Very similar to the discoid gastrulation of the bony fishes is that of the hags or myxinoida, the remarkable cyclostomes that live parasitically in the body-cavity of fishes, and are distinguished by several notable peculiarities from their nearest relatives, the lampreys. While the amphiblastic ova of the latter are small and develop like those of the amphibia, the cucumber-shaped ova of the hag are about an inch long, and form a discoid gastrula. Up to the present it has only been observed in one species (Bdellostoma Stouti), by Dean and Doflein (1898).

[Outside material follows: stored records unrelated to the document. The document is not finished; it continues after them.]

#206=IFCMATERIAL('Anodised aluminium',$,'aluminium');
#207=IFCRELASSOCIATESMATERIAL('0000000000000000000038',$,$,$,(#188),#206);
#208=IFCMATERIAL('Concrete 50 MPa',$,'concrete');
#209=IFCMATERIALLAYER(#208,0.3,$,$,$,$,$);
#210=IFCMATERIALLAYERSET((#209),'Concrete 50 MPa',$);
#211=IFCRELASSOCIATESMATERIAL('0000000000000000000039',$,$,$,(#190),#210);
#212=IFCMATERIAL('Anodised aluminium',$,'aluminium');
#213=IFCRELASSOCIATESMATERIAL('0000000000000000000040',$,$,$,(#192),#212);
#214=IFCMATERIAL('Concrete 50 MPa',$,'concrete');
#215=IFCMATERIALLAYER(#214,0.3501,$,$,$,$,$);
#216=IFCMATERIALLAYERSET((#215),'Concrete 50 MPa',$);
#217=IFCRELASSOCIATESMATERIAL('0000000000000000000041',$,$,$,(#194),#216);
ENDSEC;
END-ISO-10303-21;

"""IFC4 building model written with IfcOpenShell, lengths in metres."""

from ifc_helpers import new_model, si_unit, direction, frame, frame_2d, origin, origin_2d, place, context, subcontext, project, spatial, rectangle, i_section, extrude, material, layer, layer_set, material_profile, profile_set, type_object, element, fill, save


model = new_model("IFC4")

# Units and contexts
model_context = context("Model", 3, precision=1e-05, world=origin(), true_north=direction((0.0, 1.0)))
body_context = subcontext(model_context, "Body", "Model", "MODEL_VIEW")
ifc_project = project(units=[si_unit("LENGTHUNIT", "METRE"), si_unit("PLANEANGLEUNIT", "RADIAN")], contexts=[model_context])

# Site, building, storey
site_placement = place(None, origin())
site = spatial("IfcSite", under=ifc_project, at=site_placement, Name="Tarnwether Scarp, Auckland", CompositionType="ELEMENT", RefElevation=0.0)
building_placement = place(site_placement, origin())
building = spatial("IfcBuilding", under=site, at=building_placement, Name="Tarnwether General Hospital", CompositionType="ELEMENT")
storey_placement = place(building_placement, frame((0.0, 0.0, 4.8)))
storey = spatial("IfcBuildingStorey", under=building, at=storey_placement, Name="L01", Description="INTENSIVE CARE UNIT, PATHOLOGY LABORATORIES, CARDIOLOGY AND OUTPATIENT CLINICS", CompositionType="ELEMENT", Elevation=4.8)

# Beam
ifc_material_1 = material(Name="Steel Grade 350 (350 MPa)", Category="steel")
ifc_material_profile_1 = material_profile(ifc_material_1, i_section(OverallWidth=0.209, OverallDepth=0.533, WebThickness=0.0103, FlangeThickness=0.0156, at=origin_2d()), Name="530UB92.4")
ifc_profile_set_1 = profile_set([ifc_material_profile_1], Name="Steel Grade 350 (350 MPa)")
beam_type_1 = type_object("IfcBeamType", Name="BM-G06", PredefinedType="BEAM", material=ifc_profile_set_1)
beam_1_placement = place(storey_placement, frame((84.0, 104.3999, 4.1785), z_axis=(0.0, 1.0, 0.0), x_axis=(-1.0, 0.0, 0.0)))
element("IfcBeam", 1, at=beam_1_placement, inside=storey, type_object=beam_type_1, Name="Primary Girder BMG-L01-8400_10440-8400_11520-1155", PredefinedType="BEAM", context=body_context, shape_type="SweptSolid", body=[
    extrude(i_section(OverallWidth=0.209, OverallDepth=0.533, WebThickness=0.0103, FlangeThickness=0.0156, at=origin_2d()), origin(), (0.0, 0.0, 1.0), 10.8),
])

It is clear that the important features which distinguish the discoid gastrula from the other chief forms we have considered are determined by the large food-yelk. This takes no direct part in the building of the germinal layers, and completely fills the primitive gut-cavity of the gastrula, even protruding at the mouth-opening. If we imagine the original bell-gastrula (Figs. 30–36) trying to swallow a ball of food which is much bigger than itself, it would spread out round it in discoid shape in the attempt, just as we find to be the case here (Fig. 54). Hence we may derive the discoid gastrula from the original bell-gastrula, through the intermediate stage of the hooded gastrula. It has arisen through the accumulation of a store of food-stuff at the vegetal pole, a “nutritive yelk” being thus formed in contrast to the “formative yelk.” Nevertheless, the gastrula is formed here, as in the previous cases, by the folding or invagination of the blastula. We can, therefore, reduce this cenogenetic form of the discoid segmentation to the palingenetic form of the primitive cleavage.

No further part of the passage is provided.